Re: Commutators and Operator Powers in Mathematica
- To: mathgroup at smc.vnet.net
- Subject: [mg16687] Re: Commutators and Operator Powers in Mathematica
- From: "Peltio" <pelt.ioNOS at PAMiol.it>
- Date: Sat, 20 Mar 1999 02:09:00 -0500
- Organization: Peltio Inc.
- References: <7ct2c2$83g@smc.vnet.net>
- Sender: owner-wri-mathgroup at wolfram.com
Alan,
This is a minimum effort answer.
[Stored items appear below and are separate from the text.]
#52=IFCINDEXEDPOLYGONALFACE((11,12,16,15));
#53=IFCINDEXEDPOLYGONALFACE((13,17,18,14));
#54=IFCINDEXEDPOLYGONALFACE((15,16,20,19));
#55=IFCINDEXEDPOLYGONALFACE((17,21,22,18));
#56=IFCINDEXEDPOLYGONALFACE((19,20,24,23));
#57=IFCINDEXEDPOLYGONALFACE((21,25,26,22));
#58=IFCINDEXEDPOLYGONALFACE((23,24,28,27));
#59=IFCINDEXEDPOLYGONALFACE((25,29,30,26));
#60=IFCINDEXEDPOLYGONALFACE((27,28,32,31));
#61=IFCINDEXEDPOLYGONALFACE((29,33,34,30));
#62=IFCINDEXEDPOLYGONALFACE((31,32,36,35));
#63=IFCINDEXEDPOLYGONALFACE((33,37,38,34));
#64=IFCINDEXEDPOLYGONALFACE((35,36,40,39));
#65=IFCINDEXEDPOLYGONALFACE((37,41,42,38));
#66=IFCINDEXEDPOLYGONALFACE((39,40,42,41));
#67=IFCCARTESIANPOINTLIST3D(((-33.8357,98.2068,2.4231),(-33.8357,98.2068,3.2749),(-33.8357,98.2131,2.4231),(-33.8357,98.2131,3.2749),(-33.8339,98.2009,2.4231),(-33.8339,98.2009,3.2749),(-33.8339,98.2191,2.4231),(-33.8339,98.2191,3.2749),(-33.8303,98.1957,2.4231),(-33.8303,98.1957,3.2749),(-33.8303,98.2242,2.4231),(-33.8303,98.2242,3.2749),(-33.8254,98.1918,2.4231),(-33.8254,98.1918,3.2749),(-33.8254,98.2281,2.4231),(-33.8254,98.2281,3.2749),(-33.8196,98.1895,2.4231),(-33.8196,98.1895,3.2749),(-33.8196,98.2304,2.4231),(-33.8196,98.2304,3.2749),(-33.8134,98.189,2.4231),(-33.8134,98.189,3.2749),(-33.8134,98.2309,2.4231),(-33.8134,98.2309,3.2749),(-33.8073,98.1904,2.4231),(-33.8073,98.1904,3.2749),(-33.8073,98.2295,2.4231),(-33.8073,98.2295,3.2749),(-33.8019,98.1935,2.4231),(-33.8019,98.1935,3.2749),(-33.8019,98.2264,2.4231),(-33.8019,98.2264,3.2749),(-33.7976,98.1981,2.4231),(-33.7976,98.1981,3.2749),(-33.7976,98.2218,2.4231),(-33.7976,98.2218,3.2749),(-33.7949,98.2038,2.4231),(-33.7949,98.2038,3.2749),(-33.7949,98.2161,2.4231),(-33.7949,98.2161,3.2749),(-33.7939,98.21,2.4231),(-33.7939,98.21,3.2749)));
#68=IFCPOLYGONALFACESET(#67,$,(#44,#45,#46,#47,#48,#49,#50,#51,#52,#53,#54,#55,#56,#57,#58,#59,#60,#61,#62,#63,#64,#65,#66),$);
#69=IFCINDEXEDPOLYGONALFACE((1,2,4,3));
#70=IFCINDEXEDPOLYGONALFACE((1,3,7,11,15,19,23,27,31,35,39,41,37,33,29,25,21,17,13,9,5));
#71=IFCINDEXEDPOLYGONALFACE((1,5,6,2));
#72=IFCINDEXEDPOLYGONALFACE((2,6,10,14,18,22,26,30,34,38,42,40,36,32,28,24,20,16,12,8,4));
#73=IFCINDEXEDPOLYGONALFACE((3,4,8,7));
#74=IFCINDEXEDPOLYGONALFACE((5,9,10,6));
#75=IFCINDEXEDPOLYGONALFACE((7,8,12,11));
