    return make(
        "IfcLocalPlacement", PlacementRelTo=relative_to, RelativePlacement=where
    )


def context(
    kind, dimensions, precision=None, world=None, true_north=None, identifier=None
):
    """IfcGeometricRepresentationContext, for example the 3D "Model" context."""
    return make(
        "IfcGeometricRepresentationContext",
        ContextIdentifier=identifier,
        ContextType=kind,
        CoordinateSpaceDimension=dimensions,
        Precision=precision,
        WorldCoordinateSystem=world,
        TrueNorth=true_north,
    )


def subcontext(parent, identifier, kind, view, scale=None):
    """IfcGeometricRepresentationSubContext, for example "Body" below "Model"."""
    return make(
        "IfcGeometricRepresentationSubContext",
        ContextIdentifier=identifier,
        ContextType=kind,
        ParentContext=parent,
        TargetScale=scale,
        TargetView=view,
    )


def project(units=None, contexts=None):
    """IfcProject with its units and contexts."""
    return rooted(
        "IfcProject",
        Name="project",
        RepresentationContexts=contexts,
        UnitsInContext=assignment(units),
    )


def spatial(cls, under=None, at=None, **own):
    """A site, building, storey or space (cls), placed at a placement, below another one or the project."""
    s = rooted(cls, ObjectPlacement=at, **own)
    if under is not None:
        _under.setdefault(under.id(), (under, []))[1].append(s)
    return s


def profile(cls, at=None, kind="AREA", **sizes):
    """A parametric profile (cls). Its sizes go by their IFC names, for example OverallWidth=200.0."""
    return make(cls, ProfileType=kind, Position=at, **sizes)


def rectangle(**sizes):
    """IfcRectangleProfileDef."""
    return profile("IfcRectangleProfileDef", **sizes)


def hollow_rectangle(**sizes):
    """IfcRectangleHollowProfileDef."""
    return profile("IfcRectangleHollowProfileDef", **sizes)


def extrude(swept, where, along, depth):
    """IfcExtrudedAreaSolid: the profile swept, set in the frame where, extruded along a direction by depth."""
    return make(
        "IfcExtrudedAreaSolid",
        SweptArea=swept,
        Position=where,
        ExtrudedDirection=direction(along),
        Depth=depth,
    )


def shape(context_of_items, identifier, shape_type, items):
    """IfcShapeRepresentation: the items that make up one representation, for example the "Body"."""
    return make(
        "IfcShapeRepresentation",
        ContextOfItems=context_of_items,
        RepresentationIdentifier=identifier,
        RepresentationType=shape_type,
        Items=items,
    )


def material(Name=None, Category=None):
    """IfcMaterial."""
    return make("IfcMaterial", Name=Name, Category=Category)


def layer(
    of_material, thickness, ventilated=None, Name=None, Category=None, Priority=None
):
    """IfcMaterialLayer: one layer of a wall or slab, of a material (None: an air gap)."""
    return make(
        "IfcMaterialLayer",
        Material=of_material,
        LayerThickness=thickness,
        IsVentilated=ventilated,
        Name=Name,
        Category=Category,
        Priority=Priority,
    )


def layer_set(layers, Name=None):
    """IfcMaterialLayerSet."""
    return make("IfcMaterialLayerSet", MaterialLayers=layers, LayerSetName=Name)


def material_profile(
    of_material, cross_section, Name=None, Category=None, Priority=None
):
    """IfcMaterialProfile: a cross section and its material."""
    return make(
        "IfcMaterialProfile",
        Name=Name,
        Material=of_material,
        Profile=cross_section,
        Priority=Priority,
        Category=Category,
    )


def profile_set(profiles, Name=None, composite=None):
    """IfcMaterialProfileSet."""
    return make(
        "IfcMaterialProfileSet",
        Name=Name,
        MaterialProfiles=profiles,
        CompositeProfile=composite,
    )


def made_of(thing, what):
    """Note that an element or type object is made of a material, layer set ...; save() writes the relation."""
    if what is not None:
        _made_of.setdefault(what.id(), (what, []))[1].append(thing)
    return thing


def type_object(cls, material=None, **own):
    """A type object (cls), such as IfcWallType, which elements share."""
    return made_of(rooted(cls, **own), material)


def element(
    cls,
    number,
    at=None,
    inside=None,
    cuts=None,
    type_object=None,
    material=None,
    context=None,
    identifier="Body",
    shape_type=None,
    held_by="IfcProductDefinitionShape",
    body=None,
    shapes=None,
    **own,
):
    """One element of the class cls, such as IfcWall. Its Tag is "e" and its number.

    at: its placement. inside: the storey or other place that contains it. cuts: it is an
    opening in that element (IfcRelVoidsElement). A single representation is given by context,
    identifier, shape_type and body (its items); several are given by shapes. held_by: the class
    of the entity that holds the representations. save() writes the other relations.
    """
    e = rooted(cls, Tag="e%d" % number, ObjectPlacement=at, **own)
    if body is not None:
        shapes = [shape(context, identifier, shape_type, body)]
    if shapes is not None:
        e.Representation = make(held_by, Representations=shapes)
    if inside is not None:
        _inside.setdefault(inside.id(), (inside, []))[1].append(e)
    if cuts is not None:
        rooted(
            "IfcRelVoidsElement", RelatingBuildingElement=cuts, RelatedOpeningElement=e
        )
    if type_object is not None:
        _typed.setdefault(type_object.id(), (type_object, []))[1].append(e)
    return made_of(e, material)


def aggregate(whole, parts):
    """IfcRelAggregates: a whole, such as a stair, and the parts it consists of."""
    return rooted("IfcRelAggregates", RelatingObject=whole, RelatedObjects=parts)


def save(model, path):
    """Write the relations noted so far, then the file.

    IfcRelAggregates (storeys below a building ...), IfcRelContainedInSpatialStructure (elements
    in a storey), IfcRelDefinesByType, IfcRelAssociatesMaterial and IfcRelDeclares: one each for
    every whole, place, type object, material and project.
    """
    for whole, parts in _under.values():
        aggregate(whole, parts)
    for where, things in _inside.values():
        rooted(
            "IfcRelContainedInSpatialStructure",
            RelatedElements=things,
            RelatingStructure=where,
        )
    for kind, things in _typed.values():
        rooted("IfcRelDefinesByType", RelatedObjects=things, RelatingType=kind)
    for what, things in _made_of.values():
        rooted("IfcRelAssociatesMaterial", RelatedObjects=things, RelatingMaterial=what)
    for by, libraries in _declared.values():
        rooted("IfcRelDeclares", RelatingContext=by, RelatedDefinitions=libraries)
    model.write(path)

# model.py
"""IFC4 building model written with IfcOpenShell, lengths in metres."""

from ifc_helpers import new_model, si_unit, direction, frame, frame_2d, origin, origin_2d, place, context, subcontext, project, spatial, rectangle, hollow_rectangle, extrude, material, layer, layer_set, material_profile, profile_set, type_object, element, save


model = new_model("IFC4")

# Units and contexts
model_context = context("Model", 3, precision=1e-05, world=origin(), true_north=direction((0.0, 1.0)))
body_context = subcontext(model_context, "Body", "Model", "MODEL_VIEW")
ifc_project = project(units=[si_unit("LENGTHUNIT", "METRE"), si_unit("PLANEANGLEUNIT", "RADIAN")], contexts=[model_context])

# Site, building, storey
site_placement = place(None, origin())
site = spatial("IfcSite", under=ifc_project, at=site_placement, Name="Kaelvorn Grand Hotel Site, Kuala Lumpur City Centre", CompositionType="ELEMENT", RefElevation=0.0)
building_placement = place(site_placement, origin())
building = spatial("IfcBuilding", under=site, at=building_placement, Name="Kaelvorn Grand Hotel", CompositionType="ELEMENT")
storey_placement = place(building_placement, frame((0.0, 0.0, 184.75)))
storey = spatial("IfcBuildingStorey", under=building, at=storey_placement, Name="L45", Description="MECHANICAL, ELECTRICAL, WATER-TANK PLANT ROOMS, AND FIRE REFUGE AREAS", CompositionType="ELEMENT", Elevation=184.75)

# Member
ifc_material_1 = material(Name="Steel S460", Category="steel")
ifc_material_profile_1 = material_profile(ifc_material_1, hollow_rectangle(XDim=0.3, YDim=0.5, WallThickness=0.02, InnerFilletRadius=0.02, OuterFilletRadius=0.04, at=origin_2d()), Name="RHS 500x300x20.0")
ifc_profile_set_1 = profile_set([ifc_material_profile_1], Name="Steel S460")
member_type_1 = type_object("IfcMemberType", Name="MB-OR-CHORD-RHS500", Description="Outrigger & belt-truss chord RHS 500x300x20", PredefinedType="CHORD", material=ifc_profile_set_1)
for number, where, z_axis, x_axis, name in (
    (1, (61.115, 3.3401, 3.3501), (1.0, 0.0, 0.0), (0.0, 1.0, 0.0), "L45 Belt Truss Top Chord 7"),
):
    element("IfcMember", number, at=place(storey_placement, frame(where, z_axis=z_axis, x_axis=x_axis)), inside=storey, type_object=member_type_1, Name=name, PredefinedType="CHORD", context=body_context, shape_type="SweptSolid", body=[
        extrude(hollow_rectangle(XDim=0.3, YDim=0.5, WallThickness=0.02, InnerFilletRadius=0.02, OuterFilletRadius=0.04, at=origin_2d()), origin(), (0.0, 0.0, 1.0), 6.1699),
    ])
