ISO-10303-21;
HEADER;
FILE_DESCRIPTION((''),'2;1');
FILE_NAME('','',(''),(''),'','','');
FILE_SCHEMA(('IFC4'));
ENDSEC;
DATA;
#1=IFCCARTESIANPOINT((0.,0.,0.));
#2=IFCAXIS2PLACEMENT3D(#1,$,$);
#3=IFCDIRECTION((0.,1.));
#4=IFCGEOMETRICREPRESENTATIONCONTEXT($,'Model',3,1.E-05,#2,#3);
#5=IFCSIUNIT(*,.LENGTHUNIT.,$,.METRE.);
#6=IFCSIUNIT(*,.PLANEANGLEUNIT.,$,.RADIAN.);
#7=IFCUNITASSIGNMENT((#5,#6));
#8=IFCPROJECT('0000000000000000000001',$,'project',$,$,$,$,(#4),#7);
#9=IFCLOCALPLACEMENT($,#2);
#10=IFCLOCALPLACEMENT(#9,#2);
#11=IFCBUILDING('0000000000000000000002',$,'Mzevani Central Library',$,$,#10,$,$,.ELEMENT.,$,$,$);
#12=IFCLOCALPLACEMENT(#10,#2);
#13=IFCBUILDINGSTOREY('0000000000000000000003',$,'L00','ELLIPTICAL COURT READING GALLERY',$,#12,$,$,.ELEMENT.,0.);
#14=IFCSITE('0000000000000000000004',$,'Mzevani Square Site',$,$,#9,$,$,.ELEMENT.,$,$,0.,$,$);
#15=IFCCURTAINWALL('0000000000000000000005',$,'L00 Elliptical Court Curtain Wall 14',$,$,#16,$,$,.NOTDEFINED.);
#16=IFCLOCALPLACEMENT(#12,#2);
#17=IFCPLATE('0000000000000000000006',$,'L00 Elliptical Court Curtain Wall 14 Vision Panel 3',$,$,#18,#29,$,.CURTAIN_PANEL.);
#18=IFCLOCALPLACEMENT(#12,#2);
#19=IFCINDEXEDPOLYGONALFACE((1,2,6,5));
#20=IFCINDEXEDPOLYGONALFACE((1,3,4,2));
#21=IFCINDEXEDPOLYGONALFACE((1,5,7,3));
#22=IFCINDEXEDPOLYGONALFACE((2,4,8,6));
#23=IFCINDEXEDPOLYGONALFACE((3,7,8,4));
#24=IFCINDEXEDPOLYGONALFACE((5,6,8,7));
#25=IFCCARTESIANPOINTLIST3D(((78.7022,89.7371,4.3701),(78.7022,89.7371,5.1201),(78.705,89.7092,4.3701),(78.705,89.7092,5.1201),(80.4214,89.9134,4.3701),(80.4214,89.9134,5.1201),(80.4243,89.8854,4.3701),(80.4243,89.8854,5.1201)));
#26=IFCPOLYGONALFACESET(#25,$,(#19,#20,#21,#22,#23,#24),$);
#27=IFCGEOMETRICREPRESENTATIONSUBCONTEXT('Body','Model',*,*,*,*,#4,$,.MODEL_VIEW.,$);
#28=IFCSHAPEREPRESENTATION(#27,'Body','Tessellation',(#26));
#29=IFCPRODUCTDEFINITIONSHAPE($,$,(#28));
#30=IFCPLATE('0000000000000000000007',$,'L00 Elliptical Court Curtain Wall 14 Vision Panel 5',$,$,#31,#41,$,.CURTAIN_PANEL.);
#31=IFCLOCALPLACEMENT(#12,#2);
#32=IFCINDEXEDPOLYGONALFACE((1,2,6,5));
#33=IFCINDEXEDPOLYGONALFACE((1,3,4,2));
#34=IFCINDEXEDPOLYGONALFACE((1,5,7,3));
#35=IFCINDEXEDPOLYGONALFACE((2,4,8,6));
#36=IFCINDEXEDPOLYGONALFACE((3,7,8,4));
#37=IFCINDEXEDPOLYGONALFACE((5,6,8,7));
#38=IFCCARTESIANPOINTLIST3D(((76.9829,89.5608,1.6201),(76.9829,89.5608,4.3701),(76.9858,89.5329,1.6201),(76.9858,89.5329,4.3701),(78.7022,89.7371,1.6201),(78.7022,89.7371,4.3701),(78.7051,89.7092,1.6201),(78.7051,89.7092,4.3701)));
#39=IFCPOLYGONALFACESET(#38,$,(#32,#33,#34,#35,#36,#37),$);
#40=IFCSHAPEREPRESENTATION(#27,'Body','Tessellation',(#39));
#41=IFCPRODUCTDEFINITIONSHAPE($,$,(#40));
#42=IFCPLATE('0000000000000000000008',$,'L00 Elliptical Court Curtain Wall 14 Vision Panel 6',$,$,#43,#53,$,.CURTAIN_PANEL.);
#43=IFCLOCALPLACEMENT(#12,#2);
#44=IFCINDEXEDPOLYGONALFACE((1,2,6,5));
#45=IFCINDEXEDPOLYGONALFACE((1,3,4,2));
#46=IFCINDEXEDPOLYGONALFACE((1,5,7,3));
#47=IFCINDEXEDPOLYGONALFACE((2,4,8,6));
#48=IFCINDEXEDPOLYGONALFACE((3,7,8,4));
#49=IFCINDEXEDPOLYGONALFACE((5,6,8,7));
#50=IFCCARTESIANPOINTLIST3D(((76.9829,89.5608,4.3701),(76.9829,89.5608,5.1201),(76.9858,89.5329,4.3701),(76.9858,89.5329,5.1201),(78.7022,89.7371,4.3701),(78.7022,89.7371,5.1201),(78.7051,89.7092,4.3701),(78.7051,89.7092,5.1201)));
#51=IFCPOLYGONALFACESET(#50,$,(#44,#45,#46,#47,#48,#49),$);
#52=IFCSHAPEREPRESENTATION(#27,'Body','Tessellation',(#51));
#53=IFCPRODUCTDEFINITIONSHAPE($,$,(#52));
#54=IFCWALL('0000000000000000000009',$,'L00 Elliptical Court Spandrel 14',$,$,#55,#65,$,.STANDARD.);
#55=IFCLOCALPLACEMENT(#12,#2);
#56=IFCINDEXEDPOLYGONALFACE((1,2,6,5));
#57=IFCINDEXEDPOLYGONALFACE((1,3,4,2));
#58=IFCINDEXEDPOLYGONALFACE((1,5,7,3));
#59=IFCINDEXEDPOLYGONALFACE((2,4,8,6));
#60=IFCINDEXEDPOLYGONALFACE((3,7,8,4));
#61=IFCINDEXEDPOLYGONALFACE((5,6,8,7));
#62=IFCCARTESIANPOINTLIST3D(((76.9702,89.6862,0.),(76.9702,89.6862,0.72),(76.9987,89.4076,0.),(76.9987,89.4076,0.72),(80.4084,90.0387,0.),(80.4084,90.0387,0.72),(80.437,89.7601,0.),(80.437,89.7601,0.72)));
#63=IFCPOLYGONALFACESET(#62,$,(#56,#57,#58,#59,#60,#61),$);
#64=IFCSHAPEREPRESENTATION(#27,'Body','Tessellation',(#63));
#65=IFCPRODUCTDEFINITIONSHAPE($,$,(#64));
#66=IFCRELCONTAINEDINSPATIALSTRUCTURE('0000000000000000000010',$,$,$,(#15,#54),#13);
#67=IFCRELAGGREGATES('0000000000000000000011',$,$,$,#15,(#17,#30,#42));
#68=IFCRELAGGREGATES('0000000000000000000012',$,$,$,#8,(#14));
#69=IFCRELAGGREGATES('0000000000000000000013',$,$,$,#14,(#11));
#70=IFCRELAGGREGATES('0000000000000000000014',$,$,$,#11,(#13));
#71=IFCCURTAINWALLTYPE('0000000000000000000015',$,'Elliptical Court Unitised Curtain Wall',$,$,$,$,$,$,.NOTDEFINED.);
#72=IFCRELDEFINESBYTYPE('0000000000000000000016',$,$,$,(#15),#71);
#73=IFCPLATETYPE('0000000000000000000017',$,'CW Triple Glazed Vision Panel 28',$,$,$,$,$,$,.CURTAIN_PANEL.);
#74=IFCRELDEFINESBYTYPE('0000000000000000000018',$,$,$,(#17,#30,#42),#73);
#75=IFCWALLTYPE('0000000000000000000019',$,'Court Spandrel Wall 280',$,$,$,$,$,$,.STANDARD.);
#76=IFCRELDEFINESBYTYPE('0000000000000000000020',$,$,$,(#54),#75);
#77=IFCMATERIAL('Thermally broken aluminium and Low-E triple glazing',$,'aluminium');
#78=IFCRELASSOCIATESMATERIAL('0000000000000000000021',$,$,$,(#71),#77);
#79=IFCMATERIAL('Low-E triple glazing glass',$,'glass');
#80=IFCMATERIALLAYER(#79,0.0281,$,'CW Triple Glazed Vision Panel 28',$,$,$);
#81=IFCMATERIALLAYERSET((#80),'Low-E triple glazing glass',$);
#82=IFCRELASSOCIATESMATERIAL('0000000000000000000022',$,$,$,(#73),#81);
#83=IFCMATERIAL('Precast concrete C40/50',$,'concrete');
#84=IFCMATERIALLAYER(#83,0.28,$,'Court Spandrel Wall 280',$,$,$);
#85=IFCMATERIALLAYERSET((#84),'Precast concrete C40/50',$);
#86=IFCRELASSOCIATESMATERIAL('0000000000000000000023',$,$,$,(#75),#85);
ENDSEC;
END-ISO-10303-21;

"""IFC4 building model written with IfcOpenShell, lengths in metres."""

from ifc_helpers import new_model, si_unit, direction, frame, frame_2d, origin, origin_2d, place, context, subcontext, project, spatial, rectangle, extrude, material, layer, layer_set, type_object, element, aggregate, save


model = new_model("IFC4")

# Units and contexts
model_context = context("Model", 3, precision=1e-05, world=origin(), true_north=direction((0.0, 1.0)))
body_context = subcontext(model_context, "Body", "Model", "MODEL_VIEW")
ifc_project = project(units=[si_unit("LENGTHUNIT", "METRE"), si_unit("PLANEANGLEUNIT", "RADIAN")], contexts=[model_context])

# Site, building, storey
site_placement = place(None, origin())
site = spatial("IfcSite", under=ifc_project, at=site_placement, Name="Mzevani Square Site", CompositionType="ELEMENT", RefElevation=0.0)
building_placement = place(site_placement, origin())
building = spatial("IfcBuilding", under=site, at=building_placement, Name="Mzevani Central Library", CompositionType="ELEMENT")
storey_placement = place(building_placement, origin())
storey = spatial("IfcBuildingStorey", under=building, at=storey_placement, Name="L00", Description="ELLIPTICAL COURT READING GALLERY", CompositionType="ELEMENT", Elevation=0.0)

# Shared definitions
ifc_material_1 = material(Name="Thermally broken aluminium and Low-E triple glazing", Category="aluminium")
curtain_wall_type_1 = type_object("IfcCurtainWallType", Name="Elliptical Court Unitised Curtain Wall", PredefinedType="NOTDEFINED", material=ifc_material_1)

# Curtain wall
curtain_wall_1_placement = place(storey_placement, origin())
curtain_wall_1 = element("IfcCurtainWall", 1, at=curtain_wall_1_placement, inside=storey, type_object=curtain_wall_type_1, Name="L00 Elliptical Court Curtain Wall 14", PredefinedType="NOTDEFINED")

# Plates
ifc_material_2 = material(Name="Low-E triple glazing glass", Category="glass")
ifc_layer_1 = layer(ifc_material_2, 0.0281, Name="CW Triple Glazed Vision Panel 28")
ifc_layer_set_1 = layer_set([ifc_layer_1], Name="Low-E triple glazing glass")
plate_type_1 = type_object("IfcPlateType", Name="CW Triple Glazed Vision Panel 28", PredefinedType="CURTAIN_PANEL", material=ifc_layer_set_1)
plate_1_placement = place(storey_placement, frame((79.5632, 89.8113, 4.3701), z_axis=(0.0, 0.0, 1.0), x_axis=(-0.994786, -0.101987, 0.0)))
plate_1 = element("IfcPlate", 2, at=plate_1_placement, type_object=plate_type_1, Name="L00 Elliptical Court Curtain Wall 14 Vision Panel 3", PredefinedType="CURTAIN_PANEL", context=body_context, shape_type="SweptSolid", body=[
    extrude(rectangle(XDim=1.7283, YDim=0.0281, at=origin_2d()), origin(), (0.0, 0.0, 1.0), 0.75),
])
plate_2_placement = place(storey_placement, frame((77.844, 89.635, 1.6201), z_axis=(0.0, 0.0, 1.0), x_axis=(-0.994786, -0.101987, 0.0)))
plate_2 = element("IfcPlate", 3, at=plate_2_placement, type_object=plate_type_1, Name="L00 Elliptical Court Curtain Wall 14 Vision Panel 5", PredefinedType="CURTAIN_PANEL", context=body_context, shape_type="SweptSolid", body=[
    extrude(rectangle(XDim=1.7283, YDim=0.0281, at=origin_2d()), origin(), (0.0, 0.0, 1.0), 2.75),
])
plate_3_placement = place(storey_placement, frame((77.844, 89.635, 4.3701), z_axis=(0.0, 0.0, 1.0), x_axis=(-0.994786, -0.101987, 0.0)))
plate_3 = element("IfcPlate", 4, at=plate_3_placement, type_object=plate_type_1, Name="L00 Elliptical Court Curtain Wall 14 Vision Panel 6", PredefinedType="CURTAIN_PANEL", context=body_context, shape_type="SweptSolid", body=[
    extrude(rectangle(XDim=1.7283, YDim=0.0281, at=origin_2d()), origin(), (0.0, 0.0, 1.0), 0.75),
])
aggregate(curtain_wall_1, [plate_1, plate_2, plate_3])

# Wall
ifc_material_3 = material(Name="Precast concrete C40/50", Category="concrete")
ifc_layer_2 = layer(ifc_material_3, 0.28, Name="Court Spandrel Wall 280")
ifc_layer_set_2 = layer_set([ifc_layer_2], Name="Precast concrete C40/50")
wall_type = type_object("IfcWallType", Name="Court Spandrel Wall 280", PredefinedType="STANDARD", material=ifc_layer_set_2)
wall_placement = place(storey_placement, frame((80.4226, 89.8994, 0.0), z_axis=(0.0, 0.0, 1.0), x_axis=(-0.994784, -0.102, 0.0)))
element("IfcWall", 5, at=wall_placement, inside=storey, type_object=wall_type, Name="L00 Elliptical Court Spandrel 14", PredefinedType="STANDARD", context=body_context, shape_type="SweptSolid", body=[
    extrude(rectangle(XDim=3.4563, YDim=0.28, at=frame_2d((1.728, 0.0))), origin(), (0.0, 0.0, 1.0), 0.72),
])

save(model, "model.ifc")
Just a simple (alas, neither elegant
nor functional) way to do what you want.
>As an example, I have two operators L0 and L1 that act on arbitrary
>(well say infinitely differentiable) functions f[x]
L0[f_,t_Symbol:x]:=t f
L1[f_,t_Symbol:x]:= a t^(3/2) D[f,t] + b t^2 D[f,{t,2}]
L0[f[w],w]
w*f[w]
L1[f[x]]
b*f''[x]*x^2 + a*f'[x]*x^(3/2)
>Now what I want to do is be able to evaluate repeated commutators
>and powers of these operators.
Commutator[L0_,L1_]:=L0[L1[#]]-L1[L0[#]]&
Commutator[L0,L2]
L0(L2(#1))-L2(L0(#1))&
Commutator[L0,L2][f[x]]
x L2(f(x))-L2(x f(x))
>For example, the first commutator should evaluate to:
>[L0,L1]f[x] = x L1 f[x] - L1 (x f[x]) =
> -a x^(3/2) f[x] - 2 b x^2 D[f[x],x]
Commutator[L0,L1][f[x]]//Simplify
-2*b*f'[x]*x^2 - a*f[x]*x^(3/2)
>Repeated commutators are expressions like [L1,[L0,L1]] or [L0,[L0,L1]],
etc.
Commutator[L1,Commutator[L0,L1]][f[x]]//Simplify
-4*b*((Sqrt[x]*a + b)*f'[x] + b*x*f''[x])*x^2 -
3/4*a*(2*Sqrt[x]*a + b)*f[x]*x^(3/2)
Commutator[L0,Commutator[L0,L1]][f[x]]//Simplify
2*b*x^2*f[x]
>I would also like to evaluate powers such as L1^n,
> meaning the operator acts on f[x] n times.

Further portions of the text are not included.